Лошади уже спускаются к мосту. Я держусь за юбку матери. После слов отца: «Прощайте, эфенди», — она схватила меня за руку и быстро двинулась вслед за лошадьми.
— Хороший народ, — промолвил отец, догнав нас. — Только правители у них плохие.
Он взял меня за другую руку и нежно потряс ее. «Как я соскучился по тебе!» — словно говорило это рукопожатие.
Отец с матерью прибавили шагу, и я шел, как лилипут между двумя великанами, по узкому деревянному мосту, который скрипел под ногами… На другом берегу, уже ступив на землю, отец взял меня на руки, поднял высоко и воскликнул радостно и самодовольно:
— Ура, сынок! Вот мы уже и в свободной Болгарии!
— Господи боже, — торопливо перекрестилась мать. — Наконец-то кончилось это мучение!

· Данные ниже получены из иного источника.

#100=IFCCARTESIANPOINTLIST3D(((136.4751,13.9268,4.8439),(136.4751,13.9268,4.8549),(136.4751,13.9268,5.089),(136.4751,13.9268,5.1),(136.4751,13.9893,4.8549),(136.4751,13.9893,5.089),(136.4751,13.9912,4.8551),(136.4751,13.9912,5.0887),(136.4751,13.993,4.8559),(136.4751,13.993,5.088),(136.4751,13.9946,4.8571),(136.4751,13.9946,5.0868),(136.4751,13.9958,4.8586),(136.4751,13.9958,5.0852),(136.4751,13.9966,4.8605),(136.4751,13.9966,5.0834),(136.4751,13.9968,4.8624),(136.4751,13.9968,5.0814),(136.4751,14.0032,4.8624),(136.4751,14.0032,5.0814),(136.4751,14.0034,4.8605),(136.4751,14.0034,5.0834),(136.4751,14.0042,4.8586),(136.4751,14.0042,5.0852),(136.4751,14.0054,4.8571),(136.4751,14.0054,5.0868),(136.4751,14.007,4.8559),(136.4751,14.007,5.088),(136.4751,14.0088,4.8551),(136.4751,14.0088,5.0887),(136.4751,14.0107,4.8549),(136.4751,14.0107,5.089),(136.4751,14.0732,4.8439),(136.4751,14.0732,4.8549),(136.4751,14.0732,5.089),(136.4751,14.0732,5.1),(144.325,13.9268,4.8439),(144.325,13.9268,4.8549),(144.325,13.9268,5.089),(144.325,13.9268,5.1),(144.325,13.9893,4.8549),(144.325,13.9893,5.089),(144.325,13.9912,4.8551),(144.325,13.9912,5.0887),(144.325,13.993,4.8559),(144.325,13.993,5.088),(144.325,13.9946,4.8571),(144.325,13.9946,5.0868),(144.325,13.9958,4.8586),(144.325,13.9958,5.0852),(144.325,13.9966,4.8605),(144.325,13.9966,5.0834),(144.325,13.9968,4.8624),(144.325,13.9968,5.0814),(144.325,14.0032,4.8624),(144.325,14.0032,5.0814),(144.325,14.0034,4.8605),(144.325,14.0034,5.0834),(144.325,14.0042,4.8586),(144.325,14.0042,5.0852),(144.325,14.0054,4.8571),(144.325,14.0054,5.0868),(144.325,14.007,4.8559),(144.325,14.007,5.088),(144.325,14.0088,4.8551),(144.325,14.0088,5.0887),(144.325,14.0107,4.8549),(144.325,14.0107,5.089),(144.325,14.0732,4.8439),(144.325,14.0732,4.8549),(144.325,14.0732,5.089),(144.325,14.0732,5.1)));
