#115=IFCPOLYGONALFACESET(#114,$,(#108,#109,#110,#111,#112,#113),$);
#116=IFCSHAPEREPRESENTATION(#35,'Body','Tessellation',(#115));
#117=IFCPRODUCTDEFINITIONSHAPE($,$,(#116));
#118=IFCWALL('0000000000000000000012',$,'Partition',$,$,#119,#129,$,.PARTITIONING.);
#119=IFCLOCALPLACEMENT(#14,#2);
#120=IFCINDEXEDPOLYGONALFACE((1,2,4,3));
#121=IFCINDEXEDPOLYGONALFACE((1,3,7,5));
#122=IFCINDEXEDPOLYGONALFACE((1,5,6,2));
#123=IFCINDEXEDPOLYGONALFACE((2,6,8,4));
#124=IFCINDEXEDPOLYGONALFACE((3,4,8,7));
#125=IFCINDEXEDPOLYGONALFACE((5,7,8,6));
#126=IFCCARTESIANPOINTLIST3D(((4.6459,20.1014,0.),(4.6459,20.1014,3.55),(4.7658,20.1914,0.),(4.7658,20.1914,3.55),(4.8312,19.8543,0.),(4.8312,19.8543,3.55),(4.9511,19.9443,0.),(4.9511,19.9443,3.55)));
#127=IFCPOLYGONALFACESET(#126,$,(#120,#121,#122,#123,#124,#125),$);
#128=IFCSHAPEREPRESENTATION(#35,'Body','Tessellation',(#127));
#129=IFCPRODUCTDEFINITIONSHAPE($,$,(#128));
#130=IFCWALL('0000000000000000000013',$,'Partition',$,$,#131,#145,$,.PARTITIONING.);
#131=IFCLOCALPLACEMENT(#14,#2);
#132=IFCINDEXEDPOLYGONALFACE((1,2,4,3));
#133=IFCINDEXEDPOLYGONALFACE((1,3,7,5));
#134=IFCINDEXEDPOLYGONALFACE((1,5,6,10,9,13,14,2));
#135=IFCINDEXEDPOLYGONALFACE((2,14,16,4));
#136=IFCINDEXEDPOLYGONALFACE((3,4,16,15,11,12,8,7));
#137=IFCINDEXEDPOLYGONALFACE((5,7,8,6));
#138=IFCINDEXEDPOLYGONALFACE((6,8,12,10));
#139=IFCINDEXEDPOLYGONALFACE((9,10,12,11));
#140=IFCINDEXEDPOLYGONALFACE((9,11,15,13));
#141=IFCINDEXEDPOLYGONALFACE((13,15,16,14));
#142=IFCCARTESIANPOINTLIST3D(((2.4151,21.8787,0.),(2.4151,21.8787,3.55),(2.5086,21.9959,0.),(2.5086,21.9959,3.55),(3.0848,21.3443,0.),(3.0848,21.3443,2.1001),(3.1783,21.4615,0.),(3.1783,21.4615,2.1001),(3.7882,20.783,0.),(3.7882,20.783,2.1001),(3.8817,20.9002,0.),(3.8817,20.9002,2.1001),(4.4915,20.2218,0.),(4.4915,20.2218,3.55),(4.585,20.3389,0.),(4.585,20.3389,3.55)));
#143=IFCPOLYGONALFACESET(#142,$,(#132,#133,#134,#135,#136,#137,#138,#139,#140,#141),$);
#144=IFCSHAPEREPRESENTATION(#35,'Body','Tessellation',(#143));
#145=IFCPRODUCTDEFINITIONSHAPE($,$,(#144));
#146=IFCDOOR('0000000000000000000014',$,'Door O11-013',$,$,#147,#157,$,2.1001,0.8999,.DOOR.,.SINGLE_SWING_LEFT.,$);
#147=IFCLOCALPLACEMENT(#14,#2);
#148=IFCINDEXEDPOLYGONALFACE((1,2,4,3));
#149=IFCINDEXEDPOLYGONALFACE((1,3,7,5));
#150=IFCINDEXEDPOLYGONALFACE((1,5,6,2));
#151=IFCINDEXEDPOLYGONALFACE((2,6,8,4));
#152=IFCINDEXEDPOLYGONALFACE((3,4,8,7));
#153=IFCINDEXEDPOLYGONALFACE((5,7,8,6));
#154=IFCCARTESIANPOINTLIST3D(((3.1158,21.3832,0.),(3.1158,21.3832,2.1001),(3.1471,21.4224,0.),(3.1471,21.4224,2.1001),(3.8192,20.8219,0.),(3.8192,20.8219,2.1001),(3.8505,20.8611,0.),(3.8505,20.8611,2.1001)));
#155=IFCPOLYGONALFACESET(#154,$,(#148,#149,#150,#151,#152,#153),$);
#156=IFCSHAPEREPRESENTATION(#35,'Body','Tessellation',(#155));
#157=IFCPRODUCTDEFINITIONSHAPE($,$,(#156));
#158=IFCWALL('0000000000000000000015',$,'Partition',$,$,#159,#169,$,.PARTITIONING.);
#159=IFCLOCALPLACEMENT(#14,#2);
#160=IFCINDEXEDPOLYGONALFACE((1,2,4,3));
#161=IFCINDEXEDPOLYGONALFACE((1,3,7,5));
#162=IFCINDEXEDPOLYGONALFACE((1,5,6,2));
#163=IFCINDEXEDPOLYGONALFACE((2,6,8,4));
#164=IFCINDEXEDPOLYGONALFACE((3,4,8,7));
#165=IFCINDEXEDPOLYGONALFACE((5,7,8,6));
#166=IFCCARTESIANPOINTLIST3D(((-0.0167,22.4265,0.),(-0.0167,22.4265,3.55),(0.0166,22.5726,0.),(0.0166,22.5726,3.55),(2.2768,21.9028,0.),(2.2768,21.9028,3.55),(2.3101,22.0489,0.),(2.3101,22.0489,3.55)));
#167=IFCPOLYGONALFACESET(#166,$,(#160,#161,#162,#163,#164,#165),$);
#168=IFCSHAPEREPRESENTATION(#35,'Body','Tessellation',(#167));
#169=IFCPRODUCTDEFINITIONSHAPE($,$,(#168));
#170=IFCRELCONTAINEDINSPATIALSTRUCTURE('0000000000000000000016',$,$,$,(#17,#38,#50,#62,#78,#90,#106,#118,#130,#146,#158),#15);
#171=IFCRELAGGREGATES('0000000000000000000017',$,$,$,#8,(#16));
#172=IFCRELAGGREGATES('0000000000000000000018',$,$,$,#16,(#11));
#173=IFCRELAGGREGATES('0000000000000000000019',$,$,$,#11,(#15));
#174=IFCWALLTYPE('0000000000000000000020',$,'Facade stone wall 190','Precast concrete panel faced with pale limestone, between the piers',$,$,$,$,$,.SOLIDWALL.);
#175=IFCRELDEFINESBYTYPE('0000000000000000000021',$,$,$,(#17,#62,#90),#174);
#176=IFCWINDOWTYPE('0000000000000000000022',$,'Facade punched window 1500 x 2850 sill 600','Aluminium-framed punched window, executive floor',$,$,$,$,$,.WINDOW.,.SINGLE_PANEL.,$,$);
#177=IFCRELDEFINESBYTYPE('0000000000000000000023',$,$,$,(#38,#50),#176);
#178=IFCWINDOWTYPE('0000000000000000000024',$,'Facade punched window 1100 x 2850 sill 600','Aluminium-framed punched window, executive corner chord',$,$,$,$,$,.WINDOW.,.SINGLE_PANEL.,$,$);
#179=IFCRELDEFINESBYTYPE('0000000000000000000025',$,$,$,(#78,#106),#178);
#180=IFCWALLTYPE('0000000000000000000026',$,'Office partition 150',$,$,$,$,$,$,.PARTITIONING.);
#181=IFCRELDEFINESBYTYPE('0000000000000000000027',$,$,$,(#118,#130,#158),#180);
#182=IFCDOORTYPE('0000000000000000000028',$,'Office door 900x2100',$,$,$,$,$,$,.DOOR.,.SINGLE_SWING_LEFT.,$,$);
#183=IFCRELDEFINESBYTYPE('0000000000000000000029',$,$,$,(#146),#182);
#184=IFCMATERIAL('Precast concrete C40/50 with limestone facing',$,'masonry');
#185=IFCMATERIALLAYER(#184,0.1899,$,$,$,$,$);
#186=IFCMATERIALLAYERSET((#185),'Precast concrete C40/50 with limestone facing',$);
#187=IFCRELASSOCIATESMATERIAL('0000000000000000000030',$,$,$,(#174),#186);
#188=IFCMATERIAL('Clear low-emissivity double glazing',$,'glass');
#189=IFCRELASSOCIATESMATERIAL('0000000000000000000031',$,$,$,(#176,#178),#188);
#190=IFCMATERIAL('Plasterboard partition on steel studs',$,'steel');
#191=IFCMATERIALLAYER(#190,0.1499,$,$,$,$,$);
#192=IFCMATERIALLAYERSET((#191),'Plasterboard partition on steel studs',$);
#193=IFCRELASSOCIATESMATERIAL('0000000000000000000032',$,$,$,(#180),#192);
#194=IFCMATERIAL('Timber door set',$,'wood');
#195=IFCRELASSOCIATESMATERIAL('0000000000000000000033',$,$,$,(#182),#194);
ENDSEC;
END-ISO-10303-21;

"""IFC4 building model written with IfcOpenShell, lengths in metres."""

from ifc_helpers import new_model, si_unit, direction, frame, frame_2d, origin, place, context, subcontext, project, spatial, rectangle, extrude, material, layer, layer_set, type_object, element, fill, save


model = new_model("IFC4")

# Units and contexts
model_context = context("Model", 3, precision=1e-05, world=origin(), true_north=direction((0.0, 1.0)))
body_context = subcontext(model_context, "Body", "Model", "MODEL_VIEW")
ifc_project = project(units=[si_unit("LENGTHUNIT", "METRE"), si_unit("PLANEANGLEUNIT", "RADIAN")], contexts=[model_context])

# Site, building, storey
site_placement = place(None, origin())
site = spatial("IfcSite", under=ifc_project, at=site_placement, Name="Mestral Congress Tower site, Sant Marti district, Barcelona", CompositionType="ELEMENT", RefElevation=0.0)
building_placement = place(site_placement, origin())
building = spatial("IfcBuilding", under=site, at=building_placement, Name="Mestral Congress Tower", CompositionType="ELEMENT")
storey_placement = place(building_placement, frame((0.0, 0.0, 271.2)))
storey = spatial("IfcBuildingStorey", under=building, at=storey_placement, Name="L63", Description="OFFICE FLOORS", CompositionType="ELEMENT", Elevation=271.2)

Я не могу заснуть. Перед слезами все еще мельтешит горелый лес. Он окружает меня со всех сторон, теснит, как черная стена. Я вздрагиваю: за белым дымом пожара возникают вершины сосен и между ними желтый серп луны. По временам вспыхивает пламя, и высокие красные языки лижут темноту. Сквозь треск горящих сучьев доносится гул реки. Мне страшно.
Опять эти ночные выстрелы… Турки окружают двор. Дядя Вангел стоит прислушиваясь. Мать прижимает меня к себе и дрожит. В окнах играет зарево, меняется, растет… Слышны вопли, протяжный вой… Разбойники подожгли дом Петрана, а от него загорятся другие, ближе, а там и наш… Еще и еще выстрелы. Кто-то высоким гортанным голосом кричит: «Эй, братья селяне! Торопитесь тушить! Ведь живьем сгорим!»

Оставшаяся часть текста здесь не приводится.